Install the platform backend and frontend.
Enable and start the platform services on the local host.
Set service locations in environment variables
Set the following environment variables to each services’ location on the network:
db_host=
redis_host=
es_host=
neo4j_host=
neo4jbatcher_host=
syslog_server=
Env. variable |
Description |
db_host |
Network address of PostgreSQL service. |
redis_host |
Network address of Redis service. |
es_host |
Network address of Elasticsearch service. |
neo4j_host |
Network address of Neo4j service. |
neo4jbatcher_host |
Network address of eclecticiq-neo4jbatcher service. |
syslog_server |
Network address of Logstash service. |
Set credentials in environment variables
Set as environment variables the credentials needed to connect to services:
db_user=
db_name=
db_pass=
neo4j_pass=
neo4jbatcher_user=
neo4jbatcher_pass=
redis_pass=
Env. variable |
Description |
db_user |
PostgreSQL user name. |
db_pass |
PostgreSQL user password. |
db_name |
Name of PostgreSQL database used by the IC. |
neo4j_pass |
Password for neo4j user. |
neo4jbatcher_user |
User for Neo4j ingestion preprocessor. |
neo4jbatcher_pass |
User password for Neo4j ingestion preprocessor. |
redis_pass |
Password for redis user. |
Alternatively, set these in the /etc/default/eclecticiq-platform file:
cat << EOF >> /etc/default/eclecticiq-platform
db_user=${db_user}
db_name=${db_name}
db_pass=${db_pass}
neo4j_pass=${neo4j_pass}
neo4jbatcher_user=${neo4jbatcher_user}
neo4jbatcher_pass=${neo4jbatcher_pass}
redis_pass=${redis_pass}
syslog_server=${syslog_server}
EOF
Install the Intelligence Center
Set a secret key in /etc/default/eclecticiq-platform:
EIQ_SECRET_KEY=$(cat /dev/urandom | tr -dc 'a-zA-Z0-9' | fold -w 32 | head -n 1)

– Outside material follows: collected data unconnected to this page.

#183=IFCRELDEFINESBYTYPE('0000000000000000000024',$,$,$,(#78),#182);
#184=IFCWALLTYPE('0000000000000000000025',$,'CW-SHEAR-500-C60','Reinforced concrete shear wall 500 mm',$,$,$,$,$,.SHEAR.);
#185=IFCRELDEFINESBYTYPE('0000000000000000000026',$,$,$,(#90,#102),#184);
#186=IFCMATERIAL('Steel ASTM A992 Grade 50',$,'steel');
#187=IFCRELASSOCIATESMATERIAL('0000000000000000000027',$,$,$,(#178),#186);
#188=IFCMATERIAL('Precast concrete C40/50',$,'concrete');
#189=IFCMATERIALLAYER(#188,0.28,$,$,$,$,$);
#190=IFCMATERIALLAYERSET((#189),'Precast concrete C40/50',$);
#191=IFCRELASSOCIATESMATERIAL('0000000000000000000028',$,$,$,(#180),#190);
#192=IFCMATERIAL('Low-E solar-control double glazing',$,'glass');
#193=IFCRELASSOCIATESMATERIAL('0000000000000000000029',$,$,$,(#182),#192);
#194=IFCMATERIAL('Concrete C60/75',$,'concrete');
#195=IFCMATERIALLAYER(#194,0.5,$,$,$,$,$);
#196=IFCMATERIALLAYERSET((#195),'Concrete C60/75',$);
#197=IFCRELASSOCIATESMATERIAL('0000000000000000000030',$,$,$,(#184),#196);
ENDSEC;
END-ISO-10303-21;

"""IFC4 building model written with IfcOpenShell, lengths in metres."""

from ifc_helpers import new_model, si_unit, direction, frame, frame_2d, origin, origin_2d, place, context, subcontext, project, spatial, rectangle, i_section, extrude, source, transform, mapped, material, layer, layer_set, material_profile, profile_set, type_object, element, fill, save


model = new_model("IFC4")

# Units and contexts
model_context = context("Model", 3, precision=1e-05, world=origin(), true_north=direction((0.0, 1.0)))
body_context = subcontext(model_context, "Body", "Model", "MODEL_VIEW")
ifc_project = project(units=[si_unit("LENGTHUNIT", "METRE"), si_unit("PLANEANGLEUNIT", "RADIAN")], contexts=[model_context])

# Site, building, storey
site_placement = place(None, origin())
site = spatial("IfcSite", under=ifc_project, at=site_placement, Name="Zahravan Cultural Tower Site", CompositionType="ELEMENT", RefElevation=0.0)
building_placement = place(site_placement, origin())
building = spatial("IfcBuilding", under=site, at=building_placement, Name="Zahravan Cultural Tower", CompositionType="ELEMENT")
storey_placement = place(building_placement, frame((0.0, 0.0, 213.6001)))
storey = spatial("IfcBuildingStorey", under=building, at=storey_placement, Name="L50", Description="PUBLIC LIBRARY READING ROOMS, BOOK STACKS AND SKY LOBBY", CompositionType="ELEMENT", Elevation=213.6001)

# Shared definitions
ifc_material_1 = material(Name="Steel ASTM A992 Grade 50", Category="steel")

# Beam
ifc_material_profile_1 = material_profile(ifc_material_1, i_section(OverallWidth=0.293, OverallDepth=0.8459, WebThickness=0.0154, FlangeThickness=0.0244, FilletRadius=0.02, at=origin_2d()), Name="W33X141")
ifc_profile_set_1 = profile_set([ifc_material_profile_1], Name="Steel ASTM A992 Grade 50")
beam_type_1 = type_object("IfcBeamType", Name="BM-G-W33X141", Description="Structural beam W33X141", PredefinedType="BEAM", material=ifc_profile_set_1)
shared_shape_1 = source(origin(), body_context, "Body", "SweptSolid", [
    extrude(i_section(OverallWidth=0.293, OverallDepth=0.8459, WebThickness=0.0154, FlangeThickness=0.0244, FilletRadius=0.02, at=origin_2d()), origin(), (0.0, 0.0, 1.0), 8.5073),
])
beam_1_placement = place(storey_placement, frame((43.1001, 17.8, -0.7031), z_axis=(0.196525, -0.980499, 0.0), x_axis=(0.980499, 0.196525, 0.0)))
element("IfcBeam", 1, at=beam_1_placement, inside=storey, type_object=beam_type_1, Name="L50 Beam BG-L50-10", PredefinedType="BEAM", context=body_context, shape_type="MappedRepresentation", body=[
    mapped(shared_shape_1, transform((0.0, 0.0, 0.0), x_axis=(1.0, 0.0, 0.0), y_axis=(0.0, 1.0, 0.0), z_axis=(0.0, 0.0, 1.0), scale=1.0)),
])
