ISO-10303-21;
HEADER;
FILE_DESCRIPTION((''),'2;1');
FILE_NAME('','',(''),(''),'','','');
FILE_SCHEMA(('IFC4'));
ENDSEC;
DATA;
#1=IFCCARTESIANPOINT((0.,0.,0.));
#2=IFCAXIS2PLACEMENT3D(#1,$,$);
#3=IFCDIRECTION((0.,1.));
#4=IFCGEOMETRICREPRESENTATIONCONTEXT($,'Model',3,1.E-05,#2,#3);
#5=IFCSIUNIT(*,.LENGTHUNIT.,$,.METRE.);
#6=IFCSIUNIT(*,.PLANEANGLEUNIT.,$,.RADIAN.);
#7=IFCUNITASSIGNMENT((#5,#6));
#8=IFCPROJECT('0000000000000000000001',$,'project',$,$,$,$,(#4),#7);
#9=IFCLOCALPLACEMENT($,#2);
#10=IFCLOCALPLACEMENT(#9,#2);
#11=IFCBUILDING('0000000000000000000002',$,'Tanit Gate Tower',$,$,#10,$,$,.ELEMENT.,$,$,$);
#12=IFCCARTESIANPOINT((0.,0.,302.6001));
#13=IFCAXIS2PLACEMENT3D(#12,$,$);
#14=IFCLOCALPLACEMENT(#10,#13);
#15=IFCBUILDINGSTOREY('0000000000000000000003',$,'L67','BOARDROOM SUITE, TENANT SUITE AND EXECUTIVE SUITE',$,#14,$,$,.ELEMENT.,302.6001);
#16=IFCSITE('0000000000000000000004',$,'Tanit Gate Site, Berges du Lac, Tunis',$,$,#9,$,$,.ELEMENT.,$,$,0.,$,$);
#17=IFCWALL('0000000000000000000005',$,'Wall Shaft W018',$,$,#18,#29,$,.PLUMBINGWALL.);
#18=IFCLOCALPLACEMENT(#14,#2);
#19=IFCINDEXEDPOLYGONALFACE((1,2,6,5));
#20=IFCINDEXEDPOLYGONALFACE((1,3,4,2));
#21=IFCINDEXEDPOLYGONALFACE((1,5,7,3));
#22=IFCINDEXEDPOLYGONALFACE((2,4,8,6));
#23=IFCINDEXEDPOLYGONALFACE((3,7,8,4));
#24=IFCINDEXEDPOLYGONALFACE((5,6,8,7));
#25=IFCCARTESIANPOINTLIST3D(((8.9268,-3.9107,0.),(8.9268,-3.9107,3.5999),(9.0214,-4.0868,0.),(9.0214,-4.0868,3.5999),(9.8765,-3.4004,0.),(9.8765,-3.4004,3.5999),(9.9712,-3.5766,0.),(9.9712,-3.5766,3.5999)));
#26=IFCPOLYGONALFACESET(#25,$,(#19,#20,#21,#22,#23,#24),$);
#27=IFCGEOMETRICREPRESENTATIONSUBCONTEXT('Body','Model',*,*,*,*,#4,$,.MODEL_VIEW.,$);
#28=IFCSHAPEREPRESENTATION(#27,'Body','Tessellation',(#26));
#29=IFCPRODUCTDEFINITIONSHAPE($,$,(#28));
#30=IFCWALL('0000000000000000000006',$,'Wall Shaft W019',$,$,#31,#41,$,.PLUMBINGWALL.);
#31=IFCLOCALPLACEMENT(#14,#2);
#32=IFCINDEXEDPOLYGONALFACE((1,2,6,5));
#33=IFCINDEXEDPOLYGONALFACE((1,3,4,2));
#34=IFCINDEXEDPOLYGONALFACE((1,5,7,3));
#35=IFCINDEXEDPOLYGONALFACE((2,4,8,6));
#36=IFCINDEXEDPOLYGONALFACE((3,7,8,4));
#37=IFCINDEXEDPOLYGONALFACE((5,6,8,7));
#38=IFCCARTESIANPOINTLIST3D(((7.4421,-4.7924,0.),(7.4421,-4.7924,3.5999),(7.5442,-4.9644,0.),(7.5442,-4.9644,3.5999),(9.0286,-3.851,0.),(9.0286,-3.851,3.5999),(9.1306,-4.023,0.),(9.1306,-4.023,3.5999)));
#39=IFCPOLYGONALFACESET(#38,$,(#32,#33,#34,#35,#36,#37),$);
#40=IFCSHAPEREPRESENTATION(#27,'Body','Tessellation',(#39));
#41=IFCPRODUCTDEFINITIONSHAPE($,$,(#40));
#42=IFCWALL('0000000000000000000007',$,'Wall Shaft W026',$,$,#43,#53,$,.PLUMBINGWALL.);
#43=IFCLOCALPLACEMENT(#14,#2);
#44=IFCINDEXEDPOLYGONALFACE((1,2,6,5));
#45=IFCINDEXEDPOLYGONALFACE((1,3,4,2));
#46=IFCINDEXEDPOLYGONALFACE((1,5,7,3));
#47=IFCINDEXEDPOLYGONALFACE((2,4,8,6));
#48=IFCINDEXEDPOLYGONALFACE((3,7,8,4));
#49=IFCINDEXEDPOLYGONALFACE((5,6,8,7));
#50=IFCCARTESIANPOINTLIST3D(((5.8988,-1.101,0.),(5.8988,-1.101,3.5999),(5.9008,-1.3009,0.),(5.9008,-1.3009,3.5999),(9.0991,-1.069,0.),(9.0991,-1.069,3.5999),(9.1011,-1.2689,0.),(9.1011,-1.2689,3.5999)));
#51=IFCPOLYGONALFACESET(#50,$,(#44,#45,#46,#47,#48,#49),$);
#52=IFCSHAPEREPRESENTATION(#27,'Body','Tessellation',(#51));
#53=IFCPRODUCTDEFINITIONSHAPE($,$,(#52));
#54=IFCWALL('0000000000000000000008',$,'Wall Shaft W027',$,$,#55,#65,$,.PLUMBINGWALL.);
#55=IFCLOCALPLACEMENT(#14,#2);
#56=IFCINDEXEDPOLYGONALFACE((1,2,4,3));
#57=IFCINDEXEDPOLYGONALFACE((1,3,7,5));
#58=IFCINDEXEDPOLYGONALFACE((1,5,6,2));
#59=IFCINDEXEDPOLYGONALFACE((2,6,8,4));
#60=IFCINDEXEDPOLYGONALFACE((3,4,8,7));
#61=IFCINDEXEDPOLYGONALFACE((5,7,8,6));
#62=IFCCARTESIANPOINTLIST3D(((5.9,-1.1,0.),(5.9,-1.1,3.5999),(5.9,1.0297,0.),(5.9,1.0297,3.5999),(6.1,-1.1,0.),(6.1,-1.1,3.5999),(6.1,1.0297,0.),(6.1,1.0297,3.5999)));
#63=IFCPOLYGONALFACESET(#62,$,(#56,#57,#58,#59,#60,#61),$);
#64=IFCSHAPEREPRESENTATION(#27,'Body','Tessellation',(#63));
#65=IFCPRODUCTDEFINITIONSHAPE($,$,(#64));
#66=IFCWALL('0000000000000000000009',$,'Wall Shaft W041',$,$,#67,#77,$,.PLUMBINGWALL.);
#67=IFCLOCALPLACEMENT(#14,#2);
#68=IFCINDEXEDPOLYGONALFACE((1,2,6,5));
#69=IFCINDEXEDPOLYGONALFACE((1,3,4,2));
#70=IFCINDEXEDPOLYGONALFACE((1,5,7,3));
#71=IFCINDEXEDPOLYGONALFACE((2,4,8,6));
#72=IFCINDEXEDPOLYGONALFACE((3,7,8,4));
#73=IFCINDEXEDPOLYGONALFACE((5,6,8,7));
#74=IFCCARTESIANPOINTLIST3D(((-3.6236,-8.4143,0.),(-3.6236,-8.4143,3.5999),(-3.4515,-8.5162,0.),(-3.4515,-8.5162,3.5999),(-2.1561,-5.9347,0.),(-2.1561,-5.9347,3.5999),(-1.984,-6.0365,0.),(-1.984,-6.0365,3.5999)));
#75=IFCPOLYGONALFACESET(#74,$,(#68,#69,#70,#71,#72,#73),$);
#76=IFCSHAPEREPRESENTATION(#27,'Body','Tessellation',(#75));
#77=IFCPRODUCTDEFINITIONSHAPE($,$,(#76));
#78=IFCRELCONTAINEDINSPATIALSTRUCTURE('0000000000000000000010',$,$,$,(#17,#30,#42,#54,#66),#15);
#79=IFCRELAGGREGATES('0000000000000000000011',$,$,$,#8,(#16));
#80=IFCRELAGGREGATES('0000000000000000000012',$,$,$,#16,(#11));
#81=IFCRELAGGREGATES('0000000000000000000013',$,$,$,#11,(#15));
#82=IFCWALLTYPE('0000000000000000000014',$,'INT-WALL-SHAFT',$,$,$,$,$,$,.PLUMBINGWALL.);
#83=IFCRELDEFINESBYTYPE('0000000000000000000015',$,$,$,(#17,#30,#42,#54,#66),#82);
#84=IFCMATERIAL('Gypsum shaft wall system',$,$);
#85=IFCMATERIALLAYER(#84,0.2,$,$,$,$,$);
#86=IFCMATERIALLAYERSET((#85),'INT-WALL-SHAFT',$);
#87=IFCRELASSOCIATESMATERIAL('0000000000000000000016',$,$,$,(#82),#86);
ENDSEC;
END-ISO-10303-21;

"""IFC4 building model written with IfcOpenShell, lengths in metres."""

from ifc_helpers import new_model, si_unit, direction, frame, frame_2d, origin, place, context, subcontext, project, spatial, rectangle, extrude, material, layer, layer_set, type_object, element, save


model = new_model("IFC4")

# Units and contexts
model_context = context("Model", 3, precision=1e-05, world=origin(), true_north=direction((0.0, 1.0)))
body_context = subcontext(model_context, "Body", "Model", "MODEL_VIEW")
ifc_project = project(units=[si_unit("LENGTHUNIT", "METRE"), si_unit("PLANEANGLEUNIT", "RADIAN")], contexts=[model_context])

# Site, building, storey
site_placement = place(None, origin())
site = spatial("IfcSite", under=ifc_project, at=site_placement, Name="Tanit Gate Site, Berges du Lac, Tunis", CompositionType="ELEMENT", RefElevation=0.0)
building_placement = place(site_placement, origin())
building = spatial("IfcBuilding", under=site, at=building_placement, Name="Tanit Gate Tower", CompositionType="ELEMENT")
storey_placement = place(building_placement, frame((0.0, 0.0, 302.6001)))
storey = spatial("IfcBuildingStorey", under=building, at=storey_placement, Name="L67", Description="BOARDROOM SUITE, TENANT SUITE AND EXECUTIVE SUITE", CompositionType="ELEMENT", Elevation=302.6001)

# Walls
ifc_material_1 = material(Name="Gypsum shaft wall system")
ifc_layer_1 = layer(ifc_material_1, 0.2)
ifc_layer_set_1 = layer_set([ifc_layer_1], Name="INT-WALL-SHAFT")
wall_type_1 = type_object("IfcWallType", Name="INT-WALL-SHAFT", PredefinedType="PLUMBINGWALL", material=ifc_layer_set_1)
wall_1_placement = place(storey_placement, frame((8.9741, -3.9988, 0.0), z_axis=(0.0, 0.0, 1.0), x_axis=(0.880907, 0.473289, 0.0)))
element("IfcWall", 1, at=wall_1_placement, inside=storey, type_object=wall_type_1, Name="Wall Shaft W018", PredefinedType="PLUMBINGWALL", context=body_context, shape_type="SweptSolid", body=[
    extrude(rectangle(XDim=1.0781, YDim=0.2, at=frame_2d((0.5391, 0.0))), origin(), (0.0, 0.0, 1.0), 3.5999),
])
wall_2_placement = place(storey_placement, frame((7.4932, -4.8784, 0.0), z_axis=(0.0, 0.0, 1.0), x_axis=(0.859982, 0.510325, 0.0)))
element("IfcWall", 2, at=wall_2_placement, inside=storey, type_object=wall_type_1, Name="Wall Shaft W019", PredefinedType="PLUMBINGWALL", context=body_context, shape_type="SweptSolid", body=[
    extrude(rectangle(XDim=1.8447, YDim=0.2, at=frame_2d((0.9224, 0.0))), origin(), (0.0, 0.0, 1.0), 3.5999),
])
wall_3_placement = place(storey_placement, frame((5.8999, -1.2009, 0.0), z_axis=(0.0, 0.0, 1.0), x_axis=(0.99995, 0.009993, 0.0)))
element("IfcWall", 3, at=wall_3_placement, inside=storey, type_object=wall_type_1, Name="Wall Shaft W026", PredefinedType="PLUMBINGWALL", context=body_context, shape_type="SweptSolid", body=[
    extrude(rectangle(XDim=3.2004, YDim=0.2, at=frame_2d((1.6001, 0.0))), origin(), (0.0, 0.0, 1.0), 3.5999),
])
wall_4_placement = place(storey_placement, frame((6.0, -1.1001, 0.0), z_axis=(0.0, 0.0, 1.0), x_axis=(0.0, 1.0, 0.0)))
element("IfcWall", 4, at=wall_4_placement, inside=storey, type_object=wall_type_1, Name="Wall Shaft W027", PredefinedType="PLUMBINGWALL", context=body_context, shape_type="SweptSolid", body=[
    extrude(rectangle(XDim=2.1296, YDim=0.2, at=frame_2d((1.0649, 0.0))), origin(), (0.0, 0.0, 1.0), 3.5999),
])
wall_5_placement = place(storey_placement, frame((-2.0701, -5.9856, 0.0), z_axis=(0.0, 0.0, 1.0), x_axis=(-0.509303, -0.860587, 0.0)))
element("IfcWall", 5, at=wall_5_placement, inside=storey, type_object=wall_type_1, Name="Wall Shaft W041", PredefinedType="PLUMBINGWALL", context=body_context, shape_type="SweptSolid", body=[
    extrude(rectangle(XDim=2.8813, YDim=0.2, at=frame_2d((1.4407, 0.0))), origin(), (0.0, 0.0, 1.0), 3.5999),
])

save(model, "model.ifc")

echo "EIQ_SECRET_KEY=$EIQ_SECRET_KEY" >> /etc/default/eclecticiq-platform
Then, install the IC packages in the order shown:
# Install the backend
yum -y install eclecticiq-platform-backend-all
# Install the frontend and documentation pacakges
yum -y install eclecticiq-platform-frontend eclecticiq-platform-docs
Finally, restrict access to IC configuration files:
chown root:eclecticiq /etc/default/eclecticiq-platform*
chmod 640 /etc/default/eclecticiq-platform*
Install the extensions
Install all extensions:
📔 You must set up the /opt/eclecticiq-platform-backend/pip.conf and ~/.netrc files in “Set up the repositories” for this command to work.
# Uninstall old extensions from venv
/opt/eclecticiq-platform-backend/bin/pip freeze | grep '^eclecticiq-extension-' | cut -d= -f1 | xargs -r /opt/eclecticiq-platform-backend/bin/pip uninstall -y
# Install specified extensions in venv
/opt/eclecticiq-platform-backend/bin/pip install $extensions_packages
Start and enable third-party services
Start and enable the services:
# start/enable 3rd party services
systemctl restart nginx
systemctl enable nginx
systemctl start kibana
systemctl enable kibana
systemctl start statsite
systemctl enable statsite
systemctl restart rsyslog
systemctl enable rsyslog
Database migrations
Once done with the instructions here, you must perform database migrations to finish installing the IC.
To complete the installation procedure, make sure you run the database migrations before continuing with the other configuration steps.